Monday, April 2, 2012

A Letter

In the days before the ratification of the 16th and 17th Amendments in 1913, the debate in the Congress between the House and the Senate was a debate between advocates of the central government and advocates of the sovereign states. The powers of the central government were severely constrained by the limited enumerated powers prescribed in the Constitution. The House, quite properly on behalf of the Federal government, advocates a more expansive Federal Government role. This requires a more liberal interpretation of the Constitution. The Senate, in the days before 1913, was the advocate for the role of the several states in the governance of the nation. This was accomplished by a conservative interpretation of the Constitution limiting the expansion of federal power.

            Since 1913, both national political parties have embraced the elite Ruling Oligarchy and improperly influence the elections in both the House and Senate.
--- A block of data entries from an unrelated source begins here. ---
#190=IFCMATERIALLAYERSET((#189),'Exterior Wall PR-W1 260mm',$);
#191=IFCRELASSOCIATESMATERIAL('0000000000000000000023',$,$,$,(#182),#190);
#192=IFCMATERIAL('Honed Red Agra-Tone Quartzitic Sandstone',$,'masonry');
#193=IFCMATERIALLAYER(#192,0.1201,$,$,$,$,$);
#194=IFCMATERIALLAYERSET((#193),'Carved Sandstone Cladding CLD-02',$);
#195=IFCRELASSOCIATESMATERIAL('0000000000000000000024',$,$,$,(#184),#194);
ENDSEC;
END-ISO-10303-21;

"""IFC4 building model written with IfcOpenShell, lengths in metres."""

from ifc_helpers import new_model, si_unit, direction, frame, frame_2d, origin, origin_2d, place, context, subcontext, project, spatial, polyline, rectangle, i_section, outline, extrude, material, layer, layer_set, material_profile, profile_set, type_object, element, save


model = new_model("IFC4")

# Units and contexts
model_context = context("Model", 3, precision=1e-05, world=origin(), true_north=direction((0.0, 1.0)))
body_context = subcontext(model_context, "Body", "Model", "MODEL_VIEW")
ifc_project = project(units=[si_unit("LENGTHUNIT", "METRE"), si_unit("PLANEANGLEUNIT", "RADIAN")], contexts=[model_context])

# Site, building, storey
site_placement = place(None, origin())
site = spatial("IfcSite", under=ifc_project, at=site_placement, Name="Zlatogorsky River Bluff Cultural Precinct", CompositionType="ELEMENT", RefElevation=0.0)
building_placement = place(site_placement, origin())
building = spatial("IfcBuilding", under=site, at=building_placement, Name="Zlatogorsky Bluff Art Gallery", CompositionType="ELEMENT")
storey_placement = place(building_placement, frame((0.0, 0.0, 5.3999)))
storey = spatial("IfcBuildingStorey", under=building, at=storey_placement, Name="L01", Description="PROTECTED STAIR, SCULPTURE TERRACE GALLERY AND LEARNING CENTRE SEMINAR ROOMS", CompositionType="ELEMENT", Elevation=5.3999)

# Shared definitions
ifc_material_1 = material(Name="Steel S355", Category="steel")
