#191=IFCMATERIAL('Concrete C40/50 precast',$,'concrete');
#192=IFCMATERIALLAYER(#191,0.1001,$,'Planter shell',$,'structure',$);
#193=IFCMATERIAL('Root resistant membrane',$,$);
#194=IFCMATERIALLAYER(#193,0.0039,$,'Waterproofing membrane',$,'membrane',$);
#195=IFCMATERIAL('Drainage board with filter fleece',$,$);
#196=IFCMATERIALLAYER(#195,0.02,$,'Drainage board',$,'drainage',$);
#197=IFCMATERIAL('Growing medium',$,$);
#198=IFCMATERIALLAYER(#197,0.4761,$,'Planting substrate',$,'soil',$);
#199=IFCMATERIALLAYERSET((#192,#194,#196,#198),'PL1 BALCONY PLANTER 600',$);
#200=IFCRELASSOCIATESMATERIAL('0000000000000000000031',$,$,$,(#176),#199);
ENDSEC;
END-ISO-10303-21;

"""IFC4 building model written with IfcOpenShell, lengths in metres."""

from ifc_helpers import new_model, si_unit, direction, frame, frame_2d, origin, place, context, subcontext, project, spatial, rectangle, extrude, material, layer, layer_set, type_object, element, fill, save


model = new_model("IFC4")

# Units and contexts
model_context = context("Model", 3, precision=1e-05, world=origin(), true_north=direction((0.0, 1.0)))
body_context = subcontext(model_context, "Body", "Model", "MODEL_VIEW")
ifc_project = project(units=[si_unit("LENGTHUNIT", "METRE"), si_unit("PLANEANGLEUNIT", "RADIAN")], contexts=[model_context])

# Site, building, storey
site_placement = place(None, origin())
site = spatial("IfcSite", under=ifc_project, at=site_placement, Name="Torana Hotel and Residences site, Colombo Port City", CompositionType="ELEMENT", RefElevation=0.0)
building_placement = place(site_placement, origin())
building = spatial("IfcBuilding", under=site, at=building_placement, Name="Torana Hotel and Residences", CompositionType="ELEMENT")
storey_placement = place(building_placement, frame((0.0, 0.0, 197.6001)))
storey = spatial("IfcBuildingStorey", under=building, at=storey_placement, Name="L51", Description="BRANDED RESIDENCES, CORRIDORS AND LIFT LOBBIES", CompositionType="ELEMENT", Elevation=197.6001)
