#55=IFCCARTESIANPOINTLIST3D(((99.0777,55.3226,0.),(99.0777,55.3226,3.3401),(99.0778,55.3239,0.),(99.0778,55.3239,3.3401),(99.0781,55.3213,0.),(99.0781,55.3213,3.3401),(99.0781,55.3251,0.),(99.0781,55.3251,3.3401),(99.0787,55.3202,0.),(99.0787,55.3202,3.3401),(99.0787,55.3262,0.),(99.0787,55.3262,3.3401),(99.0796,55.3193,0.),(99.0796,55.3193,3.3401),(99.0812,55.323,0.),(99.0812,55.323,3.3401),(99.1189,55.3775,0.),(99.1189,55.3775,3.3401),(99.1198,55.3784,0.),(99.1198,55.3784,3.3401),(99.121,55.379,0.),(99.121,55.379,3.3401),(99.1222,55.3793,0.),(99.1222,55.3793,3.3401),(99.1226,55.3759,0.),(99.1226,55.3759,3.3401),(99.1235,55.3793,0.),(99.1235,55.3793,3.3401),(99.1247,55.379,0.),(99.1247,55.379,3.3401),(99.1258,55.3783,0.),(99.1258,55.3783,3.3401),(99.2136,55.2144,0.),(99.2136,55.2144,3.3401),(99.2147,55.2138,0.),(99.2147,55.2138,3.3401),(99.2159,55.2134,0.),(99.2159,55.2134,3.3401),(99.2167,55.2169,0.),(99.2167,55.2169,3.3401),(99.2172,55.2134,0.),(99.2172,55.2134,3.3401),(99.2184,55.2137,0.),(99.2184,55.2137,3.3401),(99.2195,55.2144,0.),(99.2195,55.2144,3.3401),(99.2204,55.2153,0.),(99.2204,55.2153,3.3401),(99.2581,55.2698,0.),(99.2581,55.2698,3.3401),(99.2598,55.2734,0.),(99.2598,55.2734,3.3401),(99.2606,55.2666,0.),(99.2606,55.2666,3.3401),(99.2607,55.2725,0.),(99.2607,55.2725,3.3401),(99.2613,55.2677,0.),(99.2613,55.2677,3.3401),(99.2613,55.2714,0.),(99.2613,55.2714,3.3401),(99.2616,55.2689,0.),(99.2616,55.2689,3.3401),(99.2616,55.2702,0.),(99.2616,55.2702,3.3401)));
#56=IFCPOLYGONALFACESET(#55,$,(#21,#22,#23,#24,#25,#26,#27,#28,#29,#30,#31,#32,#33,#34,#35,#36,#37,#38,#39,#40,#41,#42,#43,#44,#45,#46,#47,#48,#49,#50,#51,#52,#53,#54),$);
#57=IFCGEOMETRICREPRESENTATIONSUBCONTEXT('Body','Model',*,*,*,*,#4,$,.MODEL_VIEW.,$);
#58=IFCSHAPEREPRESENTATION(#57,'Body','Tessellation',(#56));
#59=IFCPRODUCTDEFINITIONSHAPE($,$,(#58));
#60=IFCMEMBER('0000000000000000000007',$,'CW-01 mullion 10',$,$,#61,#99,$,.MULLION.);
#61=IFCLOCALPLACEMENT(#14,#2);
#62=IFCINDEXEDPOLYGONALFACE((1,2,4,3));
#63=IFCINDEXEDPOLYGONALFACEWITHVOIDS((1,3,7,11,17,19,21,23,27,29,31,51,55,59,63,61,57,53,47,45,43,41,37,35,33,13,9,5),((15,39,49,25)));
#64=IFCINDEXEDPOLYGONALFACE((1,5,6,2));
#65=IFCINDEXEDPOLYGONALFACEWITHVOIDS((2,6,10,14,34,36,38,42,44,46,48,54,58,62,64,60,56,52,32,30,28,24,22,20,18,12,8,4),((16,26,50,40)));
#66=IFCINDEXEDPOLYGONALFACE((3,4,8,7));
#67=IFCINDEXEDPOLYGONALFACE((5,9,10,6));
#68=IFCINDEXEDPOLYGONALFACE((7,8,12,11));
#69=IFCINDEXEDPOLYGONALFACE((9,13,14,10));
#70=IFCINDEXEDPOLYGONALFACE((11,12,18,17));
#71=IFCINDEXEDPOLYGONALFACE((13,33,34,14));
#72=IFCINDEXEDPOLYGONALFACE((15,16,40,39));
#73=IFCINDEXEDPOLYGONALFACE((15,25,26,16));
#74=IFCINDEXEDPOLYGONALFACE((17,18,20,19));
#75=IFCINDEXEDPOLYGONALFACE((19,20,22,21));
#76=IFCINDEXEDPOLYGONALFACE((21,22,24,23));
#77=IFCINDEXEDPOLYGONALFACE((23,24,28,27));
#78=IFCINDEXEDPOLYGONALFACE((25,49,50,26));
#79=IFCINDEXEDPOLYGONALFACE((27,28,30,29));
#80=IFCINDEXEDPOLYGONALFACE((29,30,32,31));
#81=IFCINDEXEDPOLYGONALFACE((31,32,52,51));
Both sides of the debates are now represented by advocates of the central government.

            Today, the Supreme Court is not conservative or liberal based upon the governance postures of the central government and the sovereign states. The justices are viewed as conservative or liberal depending upon the nominating political party and its political agenda.

            The ratification of the 16th and 17th Amendments destroyed the balance of power between the several states and the central government. This reconfiguration of the Constitution has similarly distorted the role of the Executive and Supreme Court branches of our Federal Government.

            If those who call themselves conservatives do not recognize and act to restore this balance of power in the Congress by addressing this underlying problem, their good intentions to restore the voice of the people will be short lived and in vain.